When to Call a Professional

This BSOD almost always points to a specific driver rather than failing hardware. If you cannot identify which driver is causing it, a technician can analyze the crash dump file to find the exact responsible driver. Crash dumps are saved in C:\Windows\Minidump and can be read with WinDbg or WhoCrashed tools.

Frequently Asked Questions

What does 'locked pages' mean in this context?

When a driver performs a disk read or write operation, it locks a portion of RAM so Windows cannot move that memory to the page file during the operation. This ensures the data stays in a fixed location while the hardware reads or writes it. After the operation finishes, the driver is supposed to unlock those pages. If the driver crashes or exits without unlocking, those pages stay permanently locked. Windows detects this and triggers the BSOD to prevent memory from being slowly consumed.

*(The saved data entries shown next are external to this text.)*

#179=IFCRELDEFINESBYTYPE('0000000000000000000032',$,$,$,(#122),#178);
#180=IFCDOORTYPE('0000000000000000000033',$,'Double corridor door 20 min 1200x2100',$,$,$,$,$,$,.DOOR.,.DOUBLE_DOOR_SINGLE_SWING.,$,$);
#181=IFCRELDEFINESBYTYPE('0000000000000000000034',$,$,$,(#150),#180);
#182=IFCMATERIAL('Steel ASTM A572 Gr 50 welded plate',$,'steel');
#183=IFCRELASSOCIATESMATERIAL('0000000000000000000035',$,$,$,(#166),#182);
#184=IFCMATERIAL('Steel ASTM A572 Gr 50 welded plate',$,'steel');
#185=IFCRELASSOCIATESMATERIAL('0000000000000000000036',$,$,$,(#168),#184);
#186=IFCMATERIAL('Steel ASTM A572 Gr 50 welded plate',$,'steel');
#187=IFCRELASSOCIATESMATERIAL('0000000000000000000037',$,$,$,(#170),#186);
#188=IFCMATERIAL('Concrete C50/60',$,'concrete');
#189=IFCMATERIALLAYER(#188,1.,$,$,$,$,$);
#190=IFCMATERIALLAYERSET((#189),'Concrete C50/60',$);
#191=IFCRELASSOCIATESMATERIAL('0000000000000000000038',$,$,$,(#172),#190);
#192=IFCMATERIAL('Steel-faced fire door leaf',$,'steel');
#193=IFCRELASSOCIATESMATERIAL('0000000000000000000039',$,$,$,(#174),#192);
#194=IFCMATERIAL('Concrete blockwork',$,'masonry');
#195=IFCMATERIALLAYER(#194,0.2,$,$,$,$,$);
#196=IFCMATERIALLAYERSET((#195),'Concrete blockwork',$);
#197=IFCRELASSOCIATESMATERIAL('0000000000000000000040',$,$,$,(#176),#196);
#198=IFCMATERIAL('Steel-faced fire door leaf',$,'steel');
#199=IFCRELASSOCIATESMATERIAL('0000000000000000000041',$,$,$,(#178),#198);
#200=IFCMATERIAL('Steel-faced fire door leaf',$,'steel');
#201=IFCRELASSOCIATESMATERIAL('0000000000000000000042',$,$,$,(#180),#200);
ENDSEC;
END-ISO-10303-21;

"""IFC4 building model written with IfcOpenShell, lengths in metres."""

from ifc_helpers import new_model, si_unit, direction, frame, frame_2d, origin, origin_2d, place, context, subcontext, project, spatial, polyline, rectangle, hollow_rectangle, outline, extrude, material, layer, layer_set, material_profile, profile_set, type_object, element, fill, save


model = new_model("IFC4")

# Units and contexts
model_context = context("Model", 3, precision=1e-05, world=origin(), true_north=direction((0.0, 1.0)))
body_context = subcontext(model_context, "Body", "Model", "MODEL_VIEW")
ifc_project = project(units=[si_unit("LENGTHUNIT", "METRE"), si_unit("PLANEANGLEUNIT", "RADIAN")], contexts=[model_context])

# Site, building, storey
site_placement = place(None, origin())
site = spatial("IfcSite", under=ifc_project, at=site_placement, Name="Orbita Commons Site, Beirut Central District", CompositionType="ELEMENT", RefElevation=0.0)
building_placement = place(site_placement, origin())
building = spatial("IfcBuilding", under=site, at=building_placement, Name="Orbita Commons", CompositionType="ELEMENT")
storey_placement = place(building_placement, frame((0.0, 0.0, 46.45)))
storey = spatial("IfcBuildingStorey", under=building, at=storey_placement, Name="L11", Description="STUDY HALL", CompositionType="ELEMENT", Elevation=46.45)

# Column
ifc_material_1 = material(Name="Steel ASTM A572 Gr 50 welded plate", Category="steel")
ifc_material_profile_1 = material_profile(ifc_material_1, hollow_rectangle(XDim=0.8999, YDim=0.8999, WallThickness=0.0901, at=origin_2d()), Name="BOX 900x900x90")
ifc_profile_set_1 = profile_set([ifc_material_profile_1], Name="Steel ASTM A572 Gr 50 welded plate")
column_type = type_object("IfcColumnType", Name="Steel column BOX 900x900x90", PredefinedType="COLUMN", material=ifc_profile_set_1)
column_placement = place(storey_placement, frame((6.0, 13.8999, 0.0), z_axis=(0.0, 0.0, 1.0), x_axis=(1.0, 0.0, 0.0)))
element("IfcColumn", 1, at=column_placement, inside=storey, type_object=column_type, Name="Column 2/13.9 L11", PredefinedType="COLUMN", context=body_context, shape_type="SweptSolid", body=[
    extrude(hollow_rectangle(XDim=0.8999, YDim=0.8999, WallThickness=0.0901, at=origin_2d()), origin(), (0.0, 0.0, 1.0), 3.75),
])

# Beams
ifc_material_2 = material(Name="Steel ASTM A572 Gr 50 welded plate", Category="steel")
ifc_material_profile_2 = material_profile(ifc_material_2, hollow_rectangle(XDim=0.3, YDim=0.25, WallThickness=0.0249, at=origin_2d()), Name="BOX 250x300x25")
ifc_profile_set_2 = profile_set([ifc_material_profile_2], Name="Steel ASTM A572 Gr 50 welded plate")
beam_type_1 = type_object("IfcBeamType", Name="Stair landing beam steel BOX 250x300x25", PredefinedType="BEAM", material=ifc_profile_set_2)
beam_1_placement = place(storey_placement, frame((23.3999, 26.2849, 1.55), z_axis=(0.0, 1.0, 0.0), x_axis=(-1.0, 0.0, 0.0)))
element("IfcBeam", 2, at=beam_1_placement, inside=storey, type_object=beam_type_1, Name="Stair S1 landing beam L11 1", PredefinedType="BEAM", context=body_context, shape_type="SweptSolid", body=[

Can I find the crash dump myself without WhoCrashed?

Yes. Go to C:\Windows\Minidump and you will find .dmp files — one per crash. You can also use the free tool WinDbg from Microsoft Store to open them. In WinDbg, run the command: !analyze -v — and it will show you the driver that caused the crash. WhoCrashed is easier for non-technical users since it shows the same information in a simple report.

Is this a sign my PC has a virus?

Unlikely, but possible. Most occurrences are caused by legitimate but buggy drivers. However, some malware installs kernel drivers that are poorly written and cause exactly this type of crash. If the BSOD started right after visiting a suspicious website or installing software from an untrusted source, run a full scan with Windows Defender or Malwarebytes before updating drivers.